10-Deep Unsupervised Network

Linear Autoencoder

the optimal linear autocoder: projection to the principal subspace, is same as the result from SVD

decoder is the transpose of encoder

If the data points are too much, then SVD maybe not suitable to be carried out, the computational complexity is too much.

decoder and encoder is unique up to invertible transformation, A is an arbitrary regular matrix.

Decoder and encoder are not necessarily aligh with the eigen-basis, but do span the data into some sub-principal basis.

The true difference is between by spanning principal subspace by some basises versus having the actual orthogonal basis, often the eigenbasis.

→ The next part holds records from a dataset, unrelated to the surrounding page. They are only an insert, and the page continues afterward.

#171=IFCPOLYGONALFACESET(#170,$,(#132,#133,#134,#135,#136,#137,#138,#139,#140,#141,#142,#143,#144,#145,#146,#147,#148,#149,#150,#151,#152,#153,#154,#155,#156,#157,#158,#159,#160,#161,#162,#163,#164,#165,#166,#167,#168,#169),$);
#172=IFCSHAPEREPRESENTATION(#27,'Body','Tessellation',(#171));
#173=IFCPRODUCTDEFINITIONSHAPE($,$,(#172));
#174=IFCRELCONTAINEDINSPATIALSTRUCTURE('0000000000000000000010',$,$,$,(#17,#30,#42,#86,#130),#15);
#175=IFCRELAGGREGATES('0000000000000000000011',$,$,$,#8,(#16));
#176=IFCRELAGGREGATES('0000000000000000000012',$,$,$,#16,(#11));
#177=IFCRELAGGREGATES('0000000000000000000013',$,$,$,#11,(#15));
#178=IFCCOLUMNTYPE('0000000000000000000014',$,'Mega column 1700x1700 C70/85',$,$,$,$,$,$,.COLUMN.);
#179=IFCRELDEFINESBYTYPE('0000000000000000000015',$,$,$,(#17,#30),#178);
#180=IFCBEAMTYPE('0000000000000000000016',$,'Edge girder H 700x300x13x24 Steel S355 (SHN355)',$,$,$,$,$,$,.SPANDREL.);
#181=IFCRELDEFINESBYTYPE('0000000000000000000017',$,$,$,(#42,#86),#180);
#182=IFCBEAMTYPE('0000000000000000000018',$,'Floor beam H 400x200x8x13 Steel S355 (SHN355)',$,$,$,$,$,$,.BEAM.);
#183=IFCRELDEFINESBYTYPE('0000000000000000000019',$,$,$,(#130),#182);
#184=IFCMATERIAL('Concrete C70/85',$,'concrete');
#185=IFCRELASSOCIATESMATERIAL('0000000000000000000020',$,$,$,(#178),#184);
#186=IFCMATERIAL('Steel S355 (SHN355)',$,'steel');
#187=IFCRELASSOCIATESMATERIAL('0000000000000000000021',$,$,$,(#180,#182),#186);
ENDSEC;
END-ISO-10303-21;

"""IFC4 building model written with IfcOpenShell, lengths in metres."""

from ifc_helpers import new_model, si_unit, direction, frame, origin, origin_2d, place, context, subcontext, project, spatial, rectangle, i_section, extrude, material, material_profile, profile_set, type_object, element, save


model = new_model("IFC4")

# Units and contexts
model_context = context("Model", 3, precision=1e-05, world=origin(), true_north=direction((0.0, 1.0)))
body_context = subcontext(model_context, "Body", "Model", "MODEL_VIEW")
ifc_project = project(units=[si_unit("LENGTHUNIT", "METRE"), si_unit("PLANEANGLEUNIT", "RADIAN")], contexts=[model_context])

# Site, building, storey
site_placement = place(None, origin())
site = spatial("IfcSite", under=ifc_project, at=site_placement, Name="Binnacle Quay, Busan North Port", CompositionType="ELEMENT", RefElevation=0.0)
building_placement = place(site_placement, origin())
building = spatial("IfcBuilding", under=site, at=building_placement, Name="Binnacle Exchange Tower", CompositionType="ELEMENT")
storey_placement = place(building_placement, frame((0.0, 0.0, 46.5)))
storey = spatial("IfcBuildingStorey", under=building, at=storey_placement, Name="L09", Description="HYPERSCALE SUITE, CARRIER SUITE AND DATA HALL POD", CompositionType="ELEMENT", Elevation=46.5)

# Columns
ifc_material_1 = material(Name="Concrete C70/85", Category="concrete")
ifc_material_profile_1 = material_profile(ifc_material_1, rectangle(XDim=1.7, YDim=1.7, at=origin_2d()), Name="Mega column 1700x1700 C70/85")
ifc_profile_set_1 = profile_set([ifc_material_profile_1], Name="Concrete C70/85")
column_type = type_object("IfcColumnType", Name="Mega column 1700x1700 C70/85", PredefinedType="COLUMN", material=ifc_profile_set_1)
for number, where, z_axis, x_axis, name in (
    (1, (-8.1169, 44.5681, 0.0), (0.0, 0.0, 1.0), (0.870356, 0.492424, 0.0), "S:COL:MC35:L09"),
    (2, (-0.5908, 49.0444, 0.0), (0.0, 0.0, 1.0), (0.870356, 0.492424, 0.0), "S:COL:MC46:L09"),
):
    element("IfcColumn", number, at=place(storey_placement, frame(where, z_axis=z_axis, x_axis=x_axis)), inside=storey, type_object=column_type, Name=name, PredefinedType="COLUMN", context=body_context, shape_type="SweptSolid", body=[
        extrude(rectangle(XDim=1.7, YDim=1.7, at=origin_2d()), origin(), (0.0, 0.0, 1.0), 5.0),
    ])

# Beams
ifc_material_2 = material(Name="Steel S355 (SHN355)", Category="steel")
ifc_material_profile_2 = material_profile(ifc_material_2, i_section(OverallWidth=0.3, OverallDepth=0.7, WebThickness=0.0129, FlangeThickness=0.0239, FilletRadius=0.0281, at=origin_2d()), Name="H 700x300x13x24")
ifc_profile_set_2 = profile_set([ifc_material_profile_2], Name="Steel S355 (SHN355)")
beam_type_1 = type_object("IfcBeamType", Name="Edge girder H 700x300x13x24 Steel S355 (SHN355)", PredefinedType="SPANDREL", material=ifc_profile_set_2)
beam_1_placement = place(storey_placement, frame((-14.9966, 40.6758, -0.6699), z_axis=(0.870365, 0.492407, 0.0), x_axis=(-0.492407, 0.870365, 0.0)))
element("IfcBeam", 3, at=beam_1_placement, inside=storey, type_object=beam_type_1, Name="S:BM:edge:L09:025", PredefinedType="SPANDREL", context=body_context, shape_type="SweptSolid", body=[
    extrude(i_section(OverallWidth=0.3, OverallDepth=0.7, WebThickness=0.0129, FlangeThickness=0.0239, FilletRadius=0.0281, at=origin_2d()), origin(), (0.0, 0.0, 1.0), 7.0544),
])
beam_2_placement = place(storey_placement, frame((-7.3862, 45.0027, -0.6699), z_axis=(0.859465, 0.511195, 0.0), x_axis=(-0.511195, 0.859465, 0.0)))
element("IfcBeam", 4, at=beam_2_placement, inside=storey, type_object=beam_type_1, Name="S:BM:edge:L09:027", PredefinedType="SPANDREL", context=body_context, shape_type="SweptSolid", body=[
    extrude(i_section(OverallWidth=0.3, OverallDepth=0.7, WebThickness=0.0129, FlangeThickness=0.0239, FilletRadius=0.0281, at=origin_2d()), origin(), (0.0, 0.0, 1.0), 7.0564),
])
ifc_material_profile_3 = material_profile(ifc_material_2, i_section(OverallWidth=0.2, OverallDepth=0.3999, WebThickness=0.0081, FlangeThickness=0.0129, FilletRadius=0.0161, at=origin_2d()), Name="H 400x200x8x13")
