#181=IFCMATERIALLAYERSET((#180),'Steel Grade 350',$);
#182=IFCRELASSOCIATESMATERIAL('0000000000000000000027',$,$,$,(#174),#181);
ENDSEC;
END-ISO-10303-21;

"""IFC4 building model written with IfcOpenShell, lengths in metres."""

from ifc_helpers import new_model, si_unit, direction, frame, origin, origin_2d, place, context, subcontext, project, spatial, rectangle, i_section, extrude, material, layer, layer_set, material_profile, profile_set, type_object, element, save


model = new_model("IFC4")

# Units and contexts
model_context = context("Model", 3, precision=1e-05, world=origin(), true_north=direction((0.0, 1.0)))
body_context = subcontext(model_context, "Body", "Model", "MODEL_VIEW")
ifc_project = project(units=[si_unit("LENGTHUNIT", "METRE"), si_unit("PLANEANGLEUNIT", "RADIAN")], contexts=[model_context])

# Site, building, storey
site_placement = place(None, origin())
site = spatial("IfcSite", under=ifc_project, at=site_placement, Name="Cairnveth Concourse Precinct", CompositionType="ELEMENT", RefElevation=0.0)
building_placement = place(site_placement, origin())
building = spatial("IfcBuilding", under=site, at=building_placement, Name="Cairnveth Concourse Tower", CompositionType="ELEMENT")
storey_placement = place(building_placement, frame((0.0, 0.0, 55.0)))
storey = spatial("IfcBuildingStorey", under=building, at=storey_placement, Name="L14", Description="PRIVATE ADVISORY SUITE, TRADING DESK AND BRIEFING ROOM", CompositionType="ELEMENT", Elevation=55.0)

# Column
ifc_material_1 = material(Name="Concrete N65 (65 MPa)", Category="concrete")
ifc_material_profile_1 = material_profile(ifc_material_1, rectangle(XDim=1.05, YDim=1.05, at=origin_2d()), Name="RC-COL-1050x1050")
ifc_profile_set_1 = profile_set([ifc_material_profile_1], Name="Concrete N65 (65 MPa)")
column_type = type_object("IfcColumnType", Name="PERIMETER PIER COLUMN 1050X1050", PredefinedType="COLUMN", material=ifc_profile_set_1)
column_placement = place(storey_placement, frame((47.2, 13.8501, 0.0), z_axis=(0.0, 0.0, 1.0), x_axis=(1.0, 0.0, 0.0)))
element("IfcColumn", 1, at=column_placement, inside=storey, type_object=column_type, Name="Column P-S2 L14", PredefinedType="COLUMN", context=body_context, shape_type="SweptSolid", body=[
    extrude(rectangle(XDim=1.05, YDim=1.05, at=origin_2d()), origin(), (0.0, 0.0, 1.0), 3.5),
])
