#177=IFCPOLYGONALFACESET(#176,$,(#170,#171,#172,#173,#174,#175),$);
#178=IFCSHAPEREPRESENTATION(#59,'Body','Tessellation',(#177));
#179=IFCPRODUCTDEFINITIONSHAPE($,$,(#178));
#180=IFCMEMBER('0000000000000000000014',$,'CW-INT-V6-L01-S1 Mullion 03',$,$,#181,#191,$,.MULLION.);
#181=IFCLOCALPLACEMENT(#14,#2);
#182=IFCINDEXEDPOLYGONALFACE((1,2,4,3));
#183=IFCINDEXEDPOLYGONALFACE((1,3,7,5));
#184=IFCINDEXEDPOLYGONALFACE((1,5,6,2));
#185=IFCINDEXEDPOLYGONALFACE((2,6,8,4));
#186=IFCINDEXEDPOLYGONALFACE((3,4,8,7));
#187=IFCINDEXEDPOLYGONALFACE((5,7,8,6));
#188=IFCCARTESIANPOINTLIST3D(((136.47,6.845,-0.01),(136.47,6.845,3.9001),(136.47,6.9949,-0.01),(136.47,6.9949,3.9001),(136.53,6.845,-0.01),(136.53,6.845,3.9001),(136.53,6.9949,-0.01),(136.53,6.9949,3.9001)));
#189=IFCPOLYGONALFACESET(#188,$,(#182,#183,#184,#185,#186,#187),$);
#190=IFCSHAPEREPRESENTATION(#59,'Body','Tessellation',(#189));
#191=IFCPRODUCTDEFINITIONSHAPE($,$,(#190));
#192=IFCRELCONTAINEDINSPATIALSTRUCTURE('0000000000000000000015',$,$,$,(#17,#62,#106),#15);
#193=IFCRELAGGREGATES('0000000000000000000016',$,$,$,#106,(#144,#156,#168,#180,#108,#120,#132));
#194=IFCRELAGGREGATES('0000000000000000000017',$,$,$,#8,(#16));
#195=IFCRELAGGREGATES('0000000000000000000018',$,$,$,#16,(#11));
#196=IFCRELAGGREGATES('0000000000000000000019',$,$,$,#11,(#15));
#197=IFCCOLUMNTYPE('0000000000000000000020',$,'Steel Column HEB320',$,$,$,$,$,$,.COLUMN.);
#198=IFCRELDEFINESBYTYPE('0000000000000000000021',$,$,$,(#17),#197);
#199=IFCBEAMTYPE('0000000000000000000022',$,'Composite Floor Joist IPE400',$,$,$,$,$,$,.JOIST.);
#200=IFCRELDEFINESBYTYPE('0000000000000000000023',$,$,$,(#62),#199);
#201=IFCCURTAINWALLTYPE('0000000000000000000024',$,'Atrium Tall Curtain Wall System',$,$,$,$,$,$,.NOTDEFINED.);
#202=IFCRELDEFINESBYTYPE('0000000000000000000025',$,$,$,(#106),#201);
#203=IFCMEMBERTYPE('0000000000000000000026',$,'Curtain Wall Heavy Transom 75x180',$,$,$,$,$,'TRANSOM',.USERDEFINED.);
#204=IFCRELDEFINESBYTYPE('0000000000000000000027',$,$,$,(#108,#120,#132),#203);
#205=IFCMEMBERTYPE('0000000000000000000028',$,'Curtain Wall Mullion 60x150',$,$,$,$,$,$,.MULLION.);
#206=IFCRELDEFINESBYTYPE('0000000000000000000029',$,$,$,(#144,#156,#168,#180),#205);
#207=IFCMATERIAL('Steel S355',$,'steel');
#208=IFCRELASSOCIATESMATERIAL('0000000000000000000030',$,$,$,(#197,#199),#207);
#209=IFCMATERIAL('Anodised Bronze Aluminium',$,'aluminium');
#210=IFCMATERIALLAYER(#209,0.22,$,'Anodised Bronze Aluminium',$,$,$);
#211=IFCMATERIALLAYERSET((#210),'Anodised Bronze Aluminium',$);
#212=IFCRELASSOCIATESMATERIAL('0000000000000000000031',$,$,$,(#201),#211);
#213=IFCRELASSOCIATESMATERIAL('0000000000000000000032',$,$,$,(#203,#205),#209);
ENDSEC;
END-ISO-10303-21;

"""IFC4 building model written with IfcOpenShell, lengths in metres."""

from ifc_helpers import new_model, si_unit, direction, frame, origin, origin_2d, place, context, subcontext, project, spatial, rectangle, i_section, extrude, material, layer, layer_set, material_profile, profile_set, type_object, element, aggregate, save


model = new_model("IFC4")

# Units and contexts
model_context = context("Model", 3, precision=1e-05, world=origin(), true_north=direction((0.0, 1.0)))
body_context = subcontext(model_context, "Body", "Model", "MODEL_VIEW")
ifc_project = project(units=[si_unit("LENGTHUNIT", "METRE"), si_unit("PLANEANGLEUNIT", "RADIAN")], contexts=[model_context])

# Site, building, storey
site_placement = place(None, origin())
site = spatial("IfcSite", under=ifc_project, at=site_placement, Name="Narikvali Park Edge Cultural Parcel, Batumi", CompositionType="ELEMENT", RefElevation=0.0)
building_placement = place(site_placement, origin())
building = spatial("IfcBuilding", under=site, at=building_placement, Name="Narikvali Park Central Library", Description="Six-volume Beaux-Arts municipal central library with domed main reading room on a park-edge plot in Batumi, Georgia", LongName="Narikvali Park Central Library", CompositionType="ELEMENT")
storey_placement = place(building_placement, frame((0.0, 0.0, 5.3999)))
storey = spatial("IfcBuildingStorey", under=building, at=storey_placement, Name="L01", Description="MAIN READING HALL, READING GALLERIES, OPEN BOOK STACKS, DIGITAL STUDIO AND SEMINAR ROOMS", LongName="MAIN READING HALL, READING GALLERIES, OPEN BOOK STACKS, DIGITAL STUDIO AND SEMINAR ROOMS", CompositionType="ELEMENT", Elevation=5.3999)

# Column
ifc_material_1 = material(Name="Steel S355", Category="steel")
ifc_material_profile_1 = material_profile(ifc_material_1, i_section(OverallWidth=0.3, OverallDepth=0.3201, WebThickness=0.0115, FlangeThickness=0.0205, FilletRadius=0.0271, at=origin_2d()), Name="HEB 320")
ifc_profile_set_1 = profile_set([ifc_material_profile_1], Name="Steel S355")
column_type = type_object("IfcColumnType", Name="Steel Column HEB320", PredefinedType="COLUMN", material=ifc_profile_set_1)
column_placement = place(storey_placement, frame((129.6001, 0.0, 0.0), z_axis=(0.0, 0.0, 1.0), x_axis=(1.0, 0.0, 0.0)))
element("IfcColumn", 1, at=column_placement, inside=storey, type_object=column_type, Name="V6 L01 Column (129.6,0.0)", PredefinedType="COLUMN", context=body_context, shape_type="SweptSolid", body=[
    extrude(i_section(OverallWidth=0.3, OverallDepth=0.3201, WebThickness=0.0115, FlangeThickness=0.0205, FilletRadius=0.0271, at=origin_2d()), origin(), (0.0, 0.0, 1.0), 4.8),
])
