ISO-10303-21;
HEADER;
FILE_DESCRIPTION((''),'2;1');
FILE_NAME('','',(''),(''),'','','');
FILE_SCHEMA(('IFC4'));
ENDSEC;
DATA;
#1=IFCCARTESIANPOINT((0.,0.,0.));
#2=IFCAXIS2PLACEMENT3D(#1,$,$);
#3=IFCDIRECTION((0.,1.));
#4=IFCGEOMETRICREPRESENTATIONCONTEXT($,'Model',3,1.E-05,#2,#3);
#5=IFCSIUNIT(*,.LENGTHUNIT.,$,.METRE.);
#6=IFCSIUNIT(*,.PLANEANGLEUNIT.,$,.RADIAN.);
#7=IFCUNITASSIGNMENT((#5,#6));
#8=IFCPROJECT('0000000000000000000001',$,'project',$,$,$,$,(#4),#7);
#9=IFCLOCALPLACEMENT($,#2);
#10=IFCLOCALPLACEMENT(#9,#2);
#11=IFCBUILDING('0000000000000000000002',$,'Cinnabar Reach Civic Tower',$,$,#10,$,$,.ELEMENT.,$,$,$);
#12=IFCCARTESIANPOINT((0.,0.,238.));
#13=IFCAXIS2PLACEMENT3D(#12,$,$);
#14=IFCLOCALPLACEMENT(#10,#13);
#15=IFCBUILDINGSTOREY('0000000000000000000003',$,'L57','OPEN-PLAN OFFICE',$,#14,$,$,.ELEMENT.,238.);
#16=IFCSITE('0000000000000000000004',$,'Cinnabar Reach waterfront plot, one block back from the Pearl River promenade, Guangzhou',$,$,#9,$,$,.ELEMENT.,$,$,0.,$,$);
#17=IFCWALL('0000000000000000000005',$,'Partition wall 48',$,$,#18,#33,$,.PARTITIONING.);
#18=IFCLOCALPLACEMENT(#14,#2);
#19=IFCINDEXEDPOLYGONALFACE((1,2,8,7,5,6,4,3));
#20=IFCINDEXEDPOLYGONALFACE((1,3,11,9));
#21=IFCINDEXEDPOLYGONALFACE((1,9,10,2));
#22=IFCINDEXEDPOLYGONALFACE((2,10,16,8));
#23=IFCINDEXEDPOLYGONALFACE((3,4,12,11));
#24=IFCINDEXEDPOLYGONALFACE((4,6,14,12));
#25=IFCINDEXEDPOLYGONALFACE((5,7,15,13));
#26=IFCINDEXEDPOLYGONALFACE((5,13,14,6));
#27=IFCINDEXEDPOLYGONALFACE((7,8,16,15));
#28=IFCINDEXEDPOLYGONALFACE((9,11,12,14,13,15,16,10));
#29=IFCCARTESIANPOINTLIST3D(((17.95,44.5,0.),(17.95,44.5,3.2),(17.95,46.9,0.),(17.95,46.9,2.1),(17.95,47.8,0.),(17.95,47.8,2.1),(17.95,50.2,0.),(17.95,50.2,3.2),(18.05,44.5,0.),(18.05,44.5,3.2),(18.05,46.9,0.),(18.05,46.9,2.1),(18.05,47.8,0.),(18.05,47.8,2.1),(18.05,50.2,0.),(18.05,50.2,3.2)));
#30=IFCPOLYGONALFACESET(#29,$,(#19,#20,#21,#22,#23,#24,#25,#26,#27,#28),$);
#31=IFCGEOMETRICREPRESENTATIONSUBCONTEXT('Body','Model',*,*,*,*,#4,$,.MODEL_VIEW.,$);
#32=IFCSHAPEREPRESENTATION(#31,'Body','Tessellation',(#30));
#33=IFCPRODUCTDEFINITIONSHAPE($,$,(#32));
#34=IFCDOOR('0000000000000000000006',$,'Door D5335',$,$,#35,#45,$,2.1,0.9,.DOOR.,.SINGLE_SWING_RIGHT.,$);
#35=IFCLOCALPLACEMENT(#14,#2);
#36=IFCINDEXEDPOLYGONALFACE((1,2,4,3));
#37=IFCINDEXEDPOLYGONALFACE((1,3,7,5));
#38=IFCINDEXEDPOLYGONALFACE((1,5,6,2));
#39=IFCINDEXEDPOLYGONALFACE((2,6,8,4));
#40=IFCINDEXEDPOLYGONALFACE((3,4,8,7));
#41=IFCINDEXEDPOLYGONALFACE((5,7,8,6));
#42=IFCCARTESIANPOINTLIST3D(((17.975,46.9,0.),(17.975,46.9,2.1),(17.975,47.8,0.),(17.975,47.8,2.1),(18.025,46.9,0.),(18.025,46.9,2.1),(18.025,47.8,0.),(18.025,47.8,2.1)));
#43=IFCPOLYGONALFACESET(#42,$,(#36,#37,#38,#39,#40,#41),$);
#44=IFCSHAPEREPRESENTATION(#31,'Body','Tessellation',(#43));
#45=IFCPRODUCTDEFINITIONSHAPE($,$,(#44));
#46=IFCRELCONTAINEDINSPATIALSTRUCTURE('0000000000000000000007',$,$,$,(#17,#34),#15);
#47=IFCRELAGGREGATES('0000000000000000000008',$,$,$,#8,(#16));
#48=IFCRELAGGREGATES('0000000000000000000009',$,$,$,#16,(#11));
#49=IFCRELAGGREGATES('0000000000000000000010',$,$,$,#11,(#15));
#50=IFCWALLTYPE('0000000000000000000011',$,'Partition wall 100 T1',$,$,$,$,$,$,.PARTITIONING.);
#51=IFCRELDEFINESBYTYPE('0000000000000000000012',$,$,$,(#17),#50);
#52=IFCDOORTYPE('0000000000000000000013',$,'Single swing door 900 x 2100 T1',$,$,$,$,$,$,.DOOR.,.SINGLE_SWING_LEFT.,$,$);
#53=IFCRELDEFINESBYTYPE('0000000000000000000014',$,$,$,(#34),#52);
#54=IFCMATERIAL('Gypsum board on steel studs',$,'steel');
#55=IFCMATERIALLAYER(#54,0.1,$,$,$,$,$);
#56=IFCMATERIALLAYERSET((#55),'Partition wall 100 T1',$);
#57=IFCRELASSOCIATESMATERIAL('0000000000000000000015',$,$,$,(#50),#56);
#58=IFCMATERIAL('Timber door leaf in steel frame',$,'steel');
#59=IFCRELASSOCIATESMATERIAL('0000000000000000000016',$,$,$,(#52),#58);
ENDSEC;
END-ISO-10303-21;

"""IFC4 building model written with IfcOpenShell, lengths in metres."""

from ifc_helpers import new_model, si_unit, direction, frame, frame_2d, origin, place, context, subcontext, project, spatial, rectangle, extrude, material, layer, layer_set, type_object, element, fill, save


model = new_model("IFC4")

# Units and contexts
model_context = context("Model", 3, precision=1e-05, world=origin(), true_north=direction((0.0, 1.0)))
body_context = subcontext(model_context, "Body", "Model", "MODEL_VIEW")
ifc_project = project(units=[si_unit("LENGTHUNIT", "METRE"), si_unit("PLANEANGLEUNIT", "RADIAN")], contexts=[model_context])

# Site, building, storey
site_placement = place(None, origin())
site = spatial("IfcSite", under=ifc_project, at=site_placement, Name="Cinnabar Reach waterfront plot, one block back from the Pearl River promenade, Guangzhou", CompositionType="ELEMENT", RefElevation=0.0)
building_placement = place(site_placement, origin())
building = spatial("IfcBuilding", under=site, at=building_placement, Name="Cinnabar Reach Civic Tower", CompositionType="ELEMENT")
storey_placement = place(building_placement, frame((0.0, 0.0, 238.0)))
storey = spatial("IfcBuildingStorey", under=building, at=storey_placement, Name="L57", Description="OPEN-PLAN OFFICE", CompositionType="ELEMENT", Elevation=238.0)

# Wall, opening, door
ifc_material_1 = material(Name="Gypsum board on steel studs", Category="steel")
ifc_layer_1 = layer(ifc_material_1, 0.1)
ifc_layer_set_1 = layer_set([ifc_layer_1], Name="Partition wall 100 T1")
wall_type_1 = type_object("IfcWallType", Name="Partition wall 100 T1", PredefinedType="PARTITIONING", material=ifc_layer_set_1)
ifc_material_2 = material(Name="Timber door leaf in steel frame", Category="steel")
door_type = type_object("IfcDoorType", Name="Single swing door 900 x 2100 T1", OperationType="SINGLE_SWING_LEFT", PredefinedType="DOOR", material=ifc_material_2)
wall_1_placement = place(storey_placement, frame((18.0, 44.5, 0.0), z_axis=(0.0, 0.0, 1.0), x_axis=(0.0, 1.0, 0.0)))
wall_1 = element("IfcWall", 1, at=wall_1_placement, inside=storey, type_object=wall_type_1, Name="Partition wall 48", PredefinedType="PARTITIONING", context=body_context, shape_type="SweptSolid", body=[
    extrude(rectangle(XDim=5.7, YDim=0.1, at=frame_2d((2.85, 0.0))), origin(), (0.0, 0.0, 1.0), 3.2),
])
opening_1_placement = place(wall_1_placement, frame((2.4, 0.0, 0.0)))
opening_1 = element("IfcOpeningElement", 2, at=opening_1_placement, cuts=wall_1, PredefinedType="OPENING", context=body_context, shape_type="SweptSolid", body=[
    extrude(rectangle(XDim=0.9, YDim=2.1, at=frame_2d((0.45, 1.05))), frame((0.0, 0.06, 0.0), z_axis=(0.0, -1.0, 0.0), x_axis=(1.0, 0.0, 0.0)), (0.0, 0.0, 1.0), 0.12),
])
door_1_placement = place(opening_1_placement, frame((0.9, 0.0, 0.0), z_axis=(0.0, 0.0, 1.0), x_axis=(-1.0, 0.0, 0.0)))
door_1 = element("IfcDoor", 3, at=door_1_placement, inside=storey, type_object=door_type, Name="Door D5335", OperationType="SINGLE_SWING_RIGHT", OverallHeight=2.1, OverallWidth=0.9, PredefinedType="DOOR", context=body_context, shape_type="SweptSolid", body=[
    extrude(rectangle(XDim=0.9, YDim=2.1, at=frame_2d((0.45, 1.05))), frame((0.0, 0.025, 0.0), z_axis=(0.0, -1.0, 0.0), x_axis=(1.0, 0.0, 0.0)), (0.0, 0.0, 1.0), 0.05),
])
fill(opening_1, door_1)

save(model, "model.ifc")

THe true is to identify the principal subspace by Linear Autoencoder by stochastic gradient descent.

Find the compressive representation.

L1 norm can be applied to guarantee the sparisity, since L1 is tend to be sparse.

Autoencoder may also have the the power to denoise, since the signal may lie on some manifold while the white noise is not, thus the autoencoder can identify this signal subspace which is robust under noise.

Exercise

KL Divergence: also called relative entropy, is a measure of how one probability distribution diverge from the second, expected probability distribution.

In bayesian view, $D_{KL}(P \| Q)$: Q is the prior distribution which is used to approximate the true distribution P.

Definition: $D_{KL}(P \| Q)$ is the expectation of logarithmic difference between P and Q, while the expectation is taken using probability of P.

$$D_{KL}(P \| Q) = \int_{-\infty}^{+\infty}p(x)log\frac{p(x)}{q(x)}\, dx$$

Transposed Convolution: In contrast with the many-to-one operation in convolution, transposed convolution establish a many-to-one operation.
Tutorial

ELBO: also called variational lower bound

• Problem set-up: Given observations X(training data), we want to estimate some latent variable Z (distribution with some parameters like mean or covariance.)
• Goal & Challenge: we want to find $P(Z|X)$ (the true posterior distribution), but often it’s impossible, thus instead we estimate $P_{\theta}(Z)$ with some parameter $\theta$ to approximate $P(Z|X)$
• KL divergence: The difference between the true and approximation probability distribution is measured by KL divergence
• Representation of log-likelihood of training data: $$log P(x) = L + D_{KL}(q_{\theta}(Z) \| p(z|x))$$ where $q_{\theta}(Z)$ is the approximation, while $p(z|x)$ is the true posterior distribution.
• L is the ELBO
• Note that KL divergence is always bigger than 0.